I think it gets confused when switching from HEAT to COOL. Sometimes, I just have to cycle the system ON and OFF a few times and then everything works fine. I think that if you had taken the unit back to the dealer when it first quit, two years ago, you may have been able to get Carrier to cover repairs or replacement - or even partial payment of such. The A/C comes with a 2-year Warranty and you'd have been just past that - or even still in force, depending on when you bought the trailer. But not many appliance manufacturers would cover it 4-5 years down the road.

The A/C has a master control board for both cooling and heating, so replacing the Carrier with another brand could be very tricky and most likely, very costly. I know this doesn't help you, but this is why I spend about $275/year for the Good Sam aftermarket warranty. I have $250 deductible, which didn't pay for my fridge repairs, but that would be the extent of my expenses were a situation like yours happen to us. Some people don't believe in these warranties (and I do fix a lot of small stuff myself), but it is just another form of insurance. It gives me peace of mind (at a low price) to know that all the really big repair bills will be taken care of.

Mike


----------



## GlacierPeaks

Looks like Coleman makes a replacement unit that will work, along with an adapter for Carrier to Coleman.

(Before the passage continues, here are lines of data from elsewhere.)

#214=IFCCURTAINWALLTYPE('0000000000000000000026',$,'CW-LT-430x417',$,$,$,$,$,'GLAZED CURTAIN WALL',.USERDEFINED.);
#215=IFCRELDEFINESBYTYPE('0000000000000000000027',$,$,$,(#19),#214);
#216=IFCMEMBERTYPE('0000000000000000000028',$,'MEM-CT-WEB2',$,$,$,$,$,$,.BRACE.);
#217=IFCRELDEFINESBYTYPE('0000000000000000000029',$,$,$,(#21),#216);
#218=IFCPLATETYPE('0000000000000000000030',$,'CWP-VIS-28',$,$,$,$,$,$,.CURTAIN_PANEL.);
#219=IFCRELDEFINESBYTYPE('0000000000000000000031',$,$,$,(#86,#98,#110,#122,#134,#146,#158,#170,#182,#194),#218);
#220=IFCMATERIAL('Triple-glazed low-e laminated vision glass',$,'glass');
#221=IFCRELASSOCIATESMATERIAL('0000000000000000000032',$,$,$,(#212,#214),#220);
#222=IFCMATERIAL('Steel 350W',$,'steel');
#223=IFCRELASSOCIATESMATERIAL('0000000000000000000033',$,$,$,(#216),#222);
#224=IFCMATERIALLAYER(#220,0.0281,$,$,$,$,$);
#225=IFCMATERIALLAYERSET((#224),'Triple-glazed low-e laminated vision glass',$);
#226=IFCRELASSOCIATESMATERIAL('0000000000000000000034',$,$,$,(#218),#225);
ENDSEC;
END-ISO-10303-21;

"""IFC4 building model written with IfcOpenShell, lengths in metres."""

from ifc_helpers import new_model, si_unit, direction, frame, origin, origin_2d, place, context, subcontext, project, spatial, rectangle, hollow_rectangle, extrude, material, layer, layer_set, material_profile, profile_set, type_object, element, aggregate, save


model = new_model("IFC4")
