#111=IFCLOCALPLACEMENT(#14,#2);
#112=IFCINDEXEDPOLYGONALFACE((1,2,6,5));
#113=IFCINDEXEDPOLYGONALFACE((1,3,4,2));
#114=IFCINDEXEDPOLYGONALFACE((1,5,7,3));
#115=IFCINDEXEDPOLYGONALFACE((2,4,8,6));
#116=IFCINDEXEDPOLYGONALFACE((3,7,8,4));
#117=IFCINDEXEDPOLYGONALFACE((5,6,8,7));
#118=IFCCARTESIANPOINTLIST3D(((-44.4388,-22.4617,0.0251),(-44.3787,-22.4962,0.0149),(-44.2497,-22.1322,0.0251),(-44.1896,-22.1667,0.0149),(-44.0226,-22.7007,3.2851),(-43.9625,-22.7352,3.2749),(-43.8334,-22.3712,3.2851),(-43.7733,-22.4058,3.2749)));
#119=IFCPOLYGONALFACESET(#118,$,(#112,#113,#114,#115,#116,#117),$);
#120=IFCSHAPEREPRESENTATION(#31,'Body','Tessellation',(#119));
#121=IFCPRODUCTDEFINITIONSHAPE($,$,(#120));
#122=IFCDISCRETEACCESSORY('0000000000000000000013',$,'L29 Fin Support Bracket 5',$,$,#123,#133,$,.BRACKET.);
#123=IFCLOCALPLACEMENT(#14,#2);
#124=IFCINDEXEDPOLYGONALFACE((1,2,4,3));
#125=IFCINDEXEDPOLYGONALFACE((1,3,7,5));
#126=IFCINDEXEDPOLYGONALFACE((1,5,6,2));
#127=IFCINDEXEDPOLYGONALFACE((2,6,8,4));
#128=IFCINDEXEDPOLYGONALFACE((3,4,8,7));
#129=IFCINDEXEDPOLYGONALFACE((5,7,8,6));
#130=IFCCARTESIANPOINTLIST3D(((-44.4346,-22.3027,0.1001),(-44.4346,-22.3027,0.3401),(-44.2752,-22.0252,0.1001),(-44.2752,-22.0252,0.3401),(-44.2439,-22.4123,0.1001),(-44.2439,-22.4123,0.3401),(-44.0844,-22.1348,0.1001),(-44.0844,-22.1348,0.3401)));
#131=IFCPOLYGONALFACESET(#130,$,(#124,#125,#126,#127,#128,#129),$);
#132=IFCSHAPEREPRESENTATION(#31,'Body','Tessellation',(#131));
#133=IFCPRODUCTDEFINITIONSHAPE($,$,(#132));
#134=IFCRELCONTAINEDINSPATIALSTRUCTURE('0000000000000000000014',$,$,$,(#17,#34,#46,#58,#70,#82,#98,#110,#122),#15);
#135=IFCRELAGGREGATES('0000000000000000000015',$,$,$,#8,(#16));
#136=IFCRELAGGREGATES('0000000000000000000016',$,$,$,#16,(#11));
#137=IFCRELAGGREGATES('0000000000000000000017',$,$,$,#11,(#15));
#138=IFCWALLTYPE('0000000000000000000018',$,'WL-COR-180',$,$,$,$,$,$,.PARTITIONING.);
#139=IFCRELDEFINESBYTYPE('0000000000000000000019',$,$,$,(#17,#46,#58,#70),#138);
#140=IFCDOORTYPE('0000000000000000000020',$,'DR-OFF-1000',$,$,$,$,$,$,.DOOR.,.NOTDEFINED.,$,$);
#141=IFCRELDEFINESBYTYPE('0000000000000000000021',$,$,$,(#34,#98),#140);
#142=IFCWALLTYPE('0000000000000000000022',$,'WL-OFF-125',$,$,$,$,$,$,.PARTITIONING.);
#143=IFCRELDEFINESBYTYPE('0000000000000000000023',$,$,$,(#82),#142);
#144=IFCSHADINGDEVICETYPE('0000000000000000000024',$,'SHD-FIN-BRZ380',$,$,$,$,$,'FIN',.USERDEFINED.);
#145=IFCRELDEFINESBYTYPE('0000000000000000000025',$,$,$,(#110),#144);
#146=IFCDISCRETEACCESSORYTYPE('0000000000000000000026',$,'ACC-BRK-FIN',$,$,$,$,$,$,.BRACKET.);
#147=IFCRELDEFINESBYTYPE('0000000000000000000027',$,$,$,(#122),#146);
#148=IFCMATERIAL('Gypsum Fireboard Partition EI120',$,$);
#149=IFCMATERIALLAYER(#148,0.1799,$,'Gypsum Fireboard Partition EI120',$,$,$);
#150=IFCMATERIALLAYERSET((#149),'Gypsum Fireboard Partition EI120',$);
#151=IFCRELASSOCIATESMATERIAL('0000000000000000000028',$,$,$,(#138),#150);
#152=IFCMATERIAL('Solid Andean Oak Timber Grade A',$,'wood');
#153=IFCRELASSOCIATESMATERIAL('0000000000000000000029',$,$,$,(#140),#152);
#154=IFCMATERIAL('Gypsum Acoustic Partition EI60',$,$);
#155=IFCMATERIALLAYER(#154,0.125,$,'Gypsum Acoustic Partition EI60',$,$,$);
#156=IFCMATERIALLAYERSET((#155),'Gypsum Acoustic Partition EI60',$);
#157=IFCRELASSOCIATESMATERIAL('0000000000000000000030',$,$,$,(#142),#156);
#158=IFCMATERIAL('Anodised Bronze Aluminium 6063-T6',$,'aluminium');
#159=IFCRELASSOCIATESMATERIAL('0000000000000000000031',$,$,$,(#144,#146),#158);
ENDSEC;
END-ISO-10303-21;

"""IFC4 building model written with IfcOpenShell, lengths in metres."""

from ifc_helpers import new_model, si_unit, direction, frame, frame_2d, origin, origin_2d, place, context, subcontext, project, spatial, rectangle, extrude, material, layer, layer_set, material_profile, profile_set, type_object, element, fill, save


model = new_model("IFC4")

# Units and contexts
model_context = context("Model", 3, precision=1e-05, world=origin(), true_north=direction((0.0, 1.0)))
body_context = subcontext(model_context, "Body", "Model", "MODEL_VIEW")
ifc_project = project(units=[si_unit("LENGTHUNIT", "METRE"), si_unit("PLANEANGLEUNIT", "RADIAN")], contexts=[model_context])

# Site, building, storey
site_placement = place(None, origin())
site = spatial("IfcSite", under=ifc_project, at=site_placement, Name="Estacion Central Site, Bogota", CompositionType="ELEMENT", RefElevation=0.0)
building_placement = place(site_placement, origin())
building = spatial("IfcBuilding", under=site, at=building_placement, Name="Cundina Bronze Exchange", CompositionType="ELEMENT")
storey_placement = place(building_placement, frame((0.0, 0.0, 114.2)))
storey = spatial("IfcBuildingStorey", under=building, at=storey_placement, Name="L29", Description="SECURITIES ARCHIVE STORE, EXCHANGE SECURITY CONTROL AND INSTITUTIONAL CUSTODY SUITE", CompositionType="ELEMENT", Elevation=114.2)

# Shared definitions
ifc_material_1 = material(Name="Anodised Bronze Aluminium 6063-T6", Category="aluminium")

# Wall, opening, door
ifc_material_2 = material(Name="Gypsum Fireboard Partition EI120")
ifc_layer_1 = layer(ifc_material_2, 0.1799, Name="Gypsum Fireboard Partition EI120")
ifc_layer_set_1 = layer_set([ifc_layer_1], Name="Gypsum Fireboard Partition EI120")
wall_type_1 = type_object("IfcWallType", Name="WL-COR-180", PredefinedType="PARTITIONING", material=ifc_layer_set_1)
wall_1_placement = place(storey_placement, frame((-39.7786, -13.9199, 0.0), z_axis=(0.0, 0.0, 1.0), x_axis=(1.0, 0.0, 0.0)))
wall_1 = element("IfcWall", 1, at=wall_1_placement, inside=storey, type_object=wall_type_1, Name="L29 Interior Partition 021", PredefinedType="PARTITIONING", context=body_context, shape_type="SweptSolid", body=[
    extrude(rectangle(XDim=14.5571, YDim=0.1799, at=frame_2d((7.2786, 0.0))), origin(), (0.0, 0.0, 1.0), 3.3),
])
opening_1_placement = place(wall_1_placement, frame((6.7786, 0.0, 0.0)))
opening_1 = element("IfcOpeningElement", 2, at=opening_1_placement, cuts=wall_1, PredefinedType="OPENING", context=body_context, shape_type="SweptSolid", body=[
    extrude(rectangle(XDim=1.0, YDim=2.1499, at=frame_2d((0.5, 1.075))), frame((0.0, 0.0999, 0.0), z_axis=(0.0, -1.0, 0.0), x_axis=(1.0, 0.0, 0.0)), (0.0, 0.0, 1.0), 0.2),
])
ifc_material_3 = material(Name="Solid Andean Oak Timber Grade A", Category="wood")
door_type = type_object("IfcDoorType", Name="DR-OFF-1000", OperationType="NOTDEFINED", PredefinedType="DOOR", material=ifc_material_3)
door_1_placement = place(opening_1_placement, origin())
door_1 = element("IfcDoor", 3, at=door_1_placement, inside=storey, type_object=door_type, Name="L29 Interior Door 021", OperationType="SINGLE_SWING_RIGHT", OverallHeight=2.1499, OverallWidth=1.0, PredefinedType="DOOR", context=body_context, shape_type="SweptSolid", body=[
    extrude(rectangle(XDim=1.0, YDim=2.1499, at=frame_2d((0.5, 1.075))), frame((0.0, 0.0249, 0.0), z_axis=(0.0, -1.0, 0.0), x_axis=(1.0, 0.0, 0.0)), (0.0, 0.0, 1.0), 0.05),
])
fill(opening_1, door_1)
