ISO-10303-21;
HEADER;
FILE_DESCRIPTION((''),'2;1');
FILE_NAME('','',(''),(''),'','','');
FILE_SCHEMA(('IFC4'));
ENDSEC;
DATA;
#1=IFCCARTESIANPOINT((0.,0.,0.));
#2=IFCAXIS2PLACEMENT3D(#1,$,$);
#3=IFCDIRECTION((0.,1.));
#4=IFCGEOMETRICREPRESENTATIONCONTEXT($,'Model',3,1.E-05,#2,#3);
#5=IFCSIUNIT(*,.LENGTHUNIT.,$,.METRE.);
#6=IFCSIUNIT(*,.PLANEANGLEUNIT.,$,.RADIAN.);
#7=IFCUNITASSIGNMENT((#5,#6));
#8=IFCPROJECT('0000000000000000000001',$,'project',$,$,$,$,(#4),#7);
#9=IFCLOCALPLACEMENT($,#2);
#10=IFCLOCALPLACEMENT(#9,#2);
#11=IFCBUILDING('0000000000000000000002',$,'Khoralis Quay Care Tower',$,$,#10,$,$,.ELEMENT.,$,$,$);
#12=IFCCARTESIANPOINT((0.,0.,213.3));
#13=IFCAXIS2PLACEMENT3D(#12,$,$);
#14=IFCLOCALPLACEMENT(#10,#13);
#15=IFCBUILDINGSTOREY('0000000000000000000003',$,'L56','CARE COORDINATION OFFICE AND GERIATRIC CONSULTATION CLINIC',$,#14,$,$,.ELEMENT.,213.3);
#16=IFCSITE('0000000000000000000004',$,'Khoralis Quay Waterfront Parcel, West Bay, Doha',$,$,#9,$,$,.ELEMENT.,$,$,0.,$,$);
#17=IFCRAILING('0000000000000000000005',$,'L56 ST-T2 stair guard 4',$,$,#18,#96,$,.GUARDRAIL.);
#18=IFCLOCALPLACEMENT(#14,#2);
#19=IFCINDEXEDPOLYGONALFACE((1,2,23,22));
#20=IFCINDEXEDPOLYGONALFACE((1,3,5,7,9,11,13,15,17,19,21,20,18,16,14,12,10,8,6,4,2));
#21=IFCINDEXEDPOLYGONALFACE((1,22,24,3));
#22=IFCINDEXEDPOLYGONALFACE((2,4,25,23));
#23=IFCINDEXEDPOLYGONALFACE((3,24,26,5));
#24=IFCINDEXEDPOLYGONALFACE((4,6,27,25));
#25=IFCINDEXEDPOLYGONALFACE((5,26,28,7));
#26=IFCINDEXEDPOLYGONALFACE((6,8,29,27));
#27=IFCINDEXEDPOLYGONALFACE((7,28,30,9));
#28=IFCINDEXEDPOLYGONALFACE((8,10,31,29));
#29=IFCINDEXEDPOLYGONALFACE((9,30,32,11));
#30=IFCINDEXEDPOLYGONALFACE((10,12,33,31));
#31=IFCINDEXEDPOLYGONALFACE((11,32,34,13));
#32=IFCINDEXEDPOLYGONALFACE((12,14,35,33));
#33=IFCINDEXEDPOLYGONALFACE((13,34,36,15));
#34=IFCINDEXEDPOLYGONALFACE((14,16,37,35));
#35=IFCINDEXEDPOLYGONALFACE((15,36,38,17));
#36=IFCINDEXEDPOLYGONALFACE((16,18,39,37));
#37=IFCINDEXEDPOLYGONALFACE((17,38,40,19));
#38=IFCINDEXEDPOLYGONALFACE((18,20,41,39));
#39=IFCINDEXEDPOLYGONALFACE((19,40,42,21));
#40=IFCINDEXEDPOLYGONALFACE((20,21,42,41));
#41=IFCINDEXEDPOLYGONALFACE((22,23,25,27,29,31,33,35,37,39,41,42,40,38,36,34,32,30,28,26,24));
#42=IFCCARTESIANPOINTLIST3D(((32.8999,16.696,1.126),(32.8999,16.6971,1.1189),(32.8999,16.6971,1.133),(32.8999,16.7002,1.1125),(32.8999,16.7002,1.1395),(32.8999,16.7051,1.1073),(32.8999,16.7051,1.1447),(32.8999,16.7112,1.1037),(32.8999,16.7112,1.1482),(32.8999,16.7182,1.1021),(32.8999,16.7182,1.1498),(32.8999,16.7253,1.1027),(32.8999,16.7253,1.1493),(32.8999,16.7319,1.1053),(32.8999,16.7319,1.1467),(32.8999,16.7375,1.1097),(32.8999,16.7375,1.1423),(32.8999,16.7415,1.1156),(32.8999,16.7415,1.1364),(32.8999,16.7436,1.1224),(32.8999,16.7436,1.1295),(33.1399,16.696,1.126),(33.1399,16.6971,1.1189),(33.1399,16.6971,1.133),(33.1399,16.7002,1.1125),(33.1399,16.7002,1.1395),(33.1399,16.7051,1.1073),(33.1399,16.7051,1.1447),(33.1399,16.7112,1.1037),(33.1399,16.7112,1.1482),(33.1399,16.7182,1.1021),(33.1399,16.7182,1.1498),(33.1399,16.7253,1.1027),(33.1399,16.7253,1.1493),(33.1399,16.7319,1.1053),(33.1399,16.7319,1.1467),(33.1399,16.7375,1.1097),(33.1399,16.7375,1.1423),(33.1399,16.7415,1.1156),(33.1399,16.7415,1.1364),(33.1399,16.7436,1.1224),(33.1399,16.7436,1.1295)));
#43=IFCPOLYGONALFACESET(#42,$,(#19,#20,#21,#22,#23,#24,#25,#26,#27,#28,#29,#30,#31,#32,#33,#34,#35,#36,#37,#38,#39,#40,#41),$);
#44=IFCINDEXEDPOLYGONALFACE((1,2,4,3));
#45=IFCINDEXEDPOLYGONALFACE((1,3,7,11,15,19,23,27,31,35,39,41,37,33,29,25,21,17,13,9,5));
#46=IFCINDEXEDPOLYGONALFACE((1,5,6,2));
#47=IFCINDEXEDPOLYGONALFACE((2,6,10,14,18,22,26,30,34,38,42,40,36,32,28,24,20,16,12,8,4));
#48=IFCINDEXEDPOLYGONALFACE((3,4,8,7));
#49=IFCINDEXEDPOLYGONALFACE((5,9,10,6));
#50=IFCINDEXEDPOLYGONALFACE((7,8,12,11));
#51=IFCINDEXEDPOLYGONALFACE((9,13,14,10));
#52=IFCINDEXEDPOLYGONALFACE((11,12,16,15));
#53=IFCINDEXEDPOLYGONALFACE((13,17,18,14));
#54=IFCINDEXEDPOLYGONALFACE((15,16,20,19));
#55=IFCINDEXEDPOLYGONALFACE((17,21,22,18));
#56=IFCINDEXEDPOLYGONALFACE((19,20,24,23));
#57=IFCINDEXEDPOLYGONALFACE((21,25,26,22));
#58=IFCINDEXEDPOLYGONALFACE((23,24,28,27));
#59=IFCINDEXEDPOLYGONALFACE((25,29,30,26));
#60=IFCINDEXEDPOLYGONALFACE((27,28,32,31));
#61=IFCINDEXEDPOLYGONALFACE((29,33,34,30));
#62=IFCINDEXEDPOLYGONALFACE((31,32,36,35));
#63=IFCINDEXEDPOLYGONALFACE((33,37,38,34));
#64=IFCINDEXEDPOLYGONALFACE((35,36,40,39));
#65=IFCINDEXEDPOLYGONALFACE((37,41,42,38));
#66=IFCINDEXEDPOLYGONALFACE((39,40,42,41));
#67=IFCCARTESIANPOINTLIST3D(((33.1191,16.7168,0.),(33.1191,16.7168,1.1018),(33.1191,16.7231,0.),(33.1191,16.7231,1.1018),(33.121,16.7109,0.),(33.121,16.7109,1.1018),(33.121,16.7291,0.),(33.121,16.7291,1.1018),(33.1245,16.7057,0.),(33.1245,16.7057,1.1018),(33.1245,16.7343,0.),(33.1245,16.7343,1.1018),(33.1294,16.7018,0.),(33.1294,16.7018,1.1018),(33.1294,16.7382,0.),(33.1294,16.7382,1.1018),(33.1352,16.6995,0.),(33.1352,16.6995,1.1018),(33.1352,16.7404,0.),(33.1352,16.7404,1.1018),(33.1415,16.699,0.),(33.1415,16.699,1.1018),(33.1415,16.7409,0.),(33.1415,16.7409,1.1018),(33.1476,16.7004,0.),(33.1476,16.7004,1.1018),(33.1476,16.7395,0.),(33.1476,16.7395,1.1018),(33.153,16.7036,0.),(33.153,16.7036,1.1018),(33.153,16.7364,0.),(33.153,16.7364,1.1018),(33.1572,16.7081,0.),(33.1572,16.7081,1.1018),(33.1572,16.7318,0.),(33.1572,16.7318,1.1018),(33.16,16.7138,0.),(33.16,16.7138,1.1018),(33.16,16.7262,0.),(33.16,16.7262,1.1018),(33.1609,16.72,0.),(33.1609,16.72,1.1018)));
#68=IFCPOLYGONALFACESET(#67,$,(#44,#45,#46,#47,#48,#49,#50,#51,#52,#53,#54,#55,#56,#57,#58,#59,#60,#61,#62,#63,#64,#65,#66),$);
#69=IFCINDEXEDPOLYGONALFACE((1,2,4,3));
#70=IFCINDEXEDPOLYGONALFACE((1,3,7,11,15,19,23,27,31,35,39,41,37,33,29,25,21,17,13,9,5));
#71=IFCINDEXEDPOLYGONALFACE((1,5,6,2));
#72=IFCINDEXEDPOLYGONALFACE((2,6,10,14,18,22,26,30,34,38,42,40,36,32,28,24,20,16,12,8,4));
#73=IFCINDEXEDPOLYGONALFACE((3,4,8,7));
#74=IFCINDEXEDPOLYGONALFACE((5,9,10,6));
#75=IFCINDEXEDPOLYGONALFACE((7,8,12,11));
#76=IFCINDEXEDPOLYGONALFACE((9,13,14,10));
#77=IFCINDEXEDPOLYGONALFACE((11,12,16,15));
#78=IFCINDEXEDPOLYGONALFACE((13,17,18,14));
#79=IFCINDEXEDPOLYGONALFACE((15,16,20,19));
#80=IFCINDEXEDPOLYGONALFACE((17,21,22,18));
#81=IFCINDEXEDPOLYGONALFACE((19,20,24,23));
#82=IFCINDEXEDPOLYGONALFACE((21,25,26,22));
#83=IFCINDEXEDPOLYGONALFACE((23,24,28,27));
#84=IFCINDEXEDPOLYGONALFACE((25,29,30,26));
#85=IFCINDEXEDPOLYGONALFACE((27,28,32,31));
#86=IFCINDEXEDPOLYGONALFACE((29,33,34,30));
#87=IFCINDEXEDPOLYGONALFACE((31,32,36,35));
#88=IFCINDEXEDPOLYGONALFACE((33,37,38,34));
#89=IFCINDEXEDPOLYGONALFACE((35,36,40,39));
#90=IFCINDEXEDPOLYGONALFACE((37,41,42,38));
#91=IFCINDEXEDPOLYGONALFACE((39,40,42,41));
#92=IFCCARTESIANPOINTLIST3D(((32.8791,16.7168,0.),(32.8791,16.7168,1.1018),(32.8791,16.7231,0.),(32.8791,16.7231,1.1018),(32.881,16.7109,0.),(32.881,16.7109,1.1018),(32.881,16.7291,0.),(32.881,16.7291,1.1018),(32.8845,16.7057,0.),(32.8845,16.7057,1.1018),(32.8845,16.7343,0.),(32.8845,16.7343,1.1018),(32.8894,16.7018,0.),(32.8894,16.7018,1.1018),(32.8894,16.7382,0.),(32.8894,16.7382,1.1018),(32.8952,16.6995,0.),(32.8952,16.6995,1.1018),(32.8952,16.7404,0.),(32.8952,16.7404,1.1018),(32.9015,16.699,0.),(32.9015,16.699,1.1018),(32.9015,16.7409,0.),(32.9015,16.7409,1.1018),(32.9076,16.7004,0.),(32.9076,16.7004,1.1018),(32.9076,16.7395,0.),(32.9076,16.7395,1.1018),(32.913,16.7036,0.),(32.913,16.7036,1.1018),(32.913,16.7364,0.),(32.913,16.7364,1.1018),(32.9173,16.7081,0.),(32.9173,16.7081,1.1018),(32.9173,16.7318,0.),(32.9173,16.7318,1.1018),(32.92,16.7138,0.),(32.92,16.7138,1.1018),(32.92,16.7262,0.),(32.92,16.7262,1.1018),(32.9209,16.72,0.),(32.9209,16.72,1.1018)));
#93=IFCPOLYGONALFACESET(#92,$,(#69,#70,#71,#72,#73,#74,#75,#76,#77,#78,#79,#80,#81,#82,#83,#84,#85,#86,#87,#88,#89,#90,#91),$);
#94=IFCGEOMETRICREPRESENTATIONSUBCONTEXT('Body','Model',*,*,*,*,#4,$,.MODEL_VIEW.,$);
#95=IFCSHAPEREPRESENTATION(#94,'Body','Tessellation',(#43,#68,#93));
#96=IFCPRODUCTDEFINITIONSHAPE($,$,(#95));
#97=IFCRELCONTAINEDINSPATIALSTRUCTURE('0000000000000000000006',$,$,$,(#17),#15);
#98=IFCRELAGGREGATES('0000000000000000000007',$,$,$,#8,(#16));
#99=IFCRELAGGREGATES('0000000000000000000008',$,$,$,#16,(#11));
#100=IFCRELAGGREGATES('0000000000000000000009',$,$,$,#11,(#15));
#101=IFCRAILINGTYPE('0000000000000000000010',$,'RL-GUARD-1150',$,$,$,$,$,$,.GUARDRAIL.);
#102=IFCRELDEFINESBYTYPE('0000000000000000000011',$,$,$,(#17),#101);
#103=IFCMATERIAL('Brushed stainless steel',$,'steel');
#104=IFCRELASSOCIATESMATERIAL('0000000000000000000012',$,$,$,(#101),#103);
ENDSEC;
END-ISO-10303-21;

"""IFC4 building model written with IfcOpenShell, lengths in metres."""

from ifc_helpers import new_model, si_unit, direction, frame, origin, origin_2d, place, context, subcontext, project, spatial, circle, extrude, material, type_object, element, save


model = new_model("IFC4")

# Units and contexts
model_context = context("Model", 3, precision=1e-05, world=origin(), true_north=direction((0.0, 1.0)))
body_context = subcontext(model_context, "Body", "Model", "MODEL_VIEW")
ifc_project = project(units=[si_unit("LENGTHUNIT", "METRE"), si_unit("PLANEANGLEUNIT", "RADIAN")], contexts=[model_context])

# Site, building, storey
site_placement = place(None, origin())
site = spatial("IfcSite", under=ifc_project, at=site_placement, Name="Khoralis Quay Waterfront Parcel, West Bay, Doha", CompositionType="ELEMENT", RefElevation=0.0)
building_placement = place(site_placement, origin())
building = spatial("IfcBuilding", under=site, at=building_placement, Name="Khoralis Quay Care Tower", CompositionType="ELEMENT")
storey_placement = place(building_placement, frame((0.0, 0.0, 213.3)))
storey = spatial("IfcBuildingStorey", under=building, at=storey_placement, Name="L56", Description="CARE COORDINATION OFFICE AND GERIATRIC CONSULTATION CLINIC", CompositionType="ELEMENT", Elevation=213.3)

# Shared definitions
ifc_material_1 = material(Name="Brushed stainless steel", Category="steel")

# Railing
railing_type_1 = type_object("IfcRailingType", Name="RL-GUARD-1150", PredefinedType="GUARDRAIL", material=ifc_material_1)
railing_1_placement = place(storey_placement, frame((33.1399, 16.72, 0.0)))
element("IfcRailing", 1, at=railing_1_placement, inside=storey, type_object=railing_type_1, Name="L56 ST-T2 stair guard 4", PredefinedType="GUARDRAIL", context=body_context, shape_type="SweptSolid", body=[
    extrude(circle(Radius=0.0239, at=origin_2d()), frame((0.0, 0.0, 1.126), z_axis=(-1.0, 0.0, 0.0), x_axis=(0.0, -1.0, 0.0)), (0.0, 0.0, 1.0), 0.24),
    extrude(circle(Radius=0.021, at=origin_2d()), origin(), (0.0, 0.0, 1.0), 1.1018),
    extrude(circle(Radius=0.021, at=origin_2d()), frame((-0.24, 0.0, 0.0)), (0.0, 0.0, 1.0), 1.1018),
])

save(model, "model.ifc")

http://www.pplmotorhomes.com/parts/rv-air-conditioners/carrier-coleman-adapter.htm

Now that Carrier is out of the RV AC business, it hard to even find parts for the Carrier anymore.


----------



## arotundo

I just replaced my Carrier AirV. Rusted out and if you touched the coils turned into dust. The 1st owners lived on the beach. New one was $629 out the door. And it was very easy to replace.


----------



## vdub

$629 is a bargain. Almost easier than cleaning the old one....


----------



## GlacierPeaks

Did you find a new carrier Air V? Where?


----------



## Tangooutback

vdub said:


> I'm a little surprised your's isn't working. *I haven't seen much on the forum in the way of dead a/c's*. Mine is 6 years old now, has had a lot of use, and is working perfectly (although I need to clean it). Have you had your's checked by an rv maintenance place? I hate to see you spend money if you don't need too.....


Mine kicked the bucket barely before the 5th birthday. It cost me $600 for the new top unit. I installed it myself along with a $40 soft start capacitor, which really helped when powering it with the Yammie 2400iS generator.


----------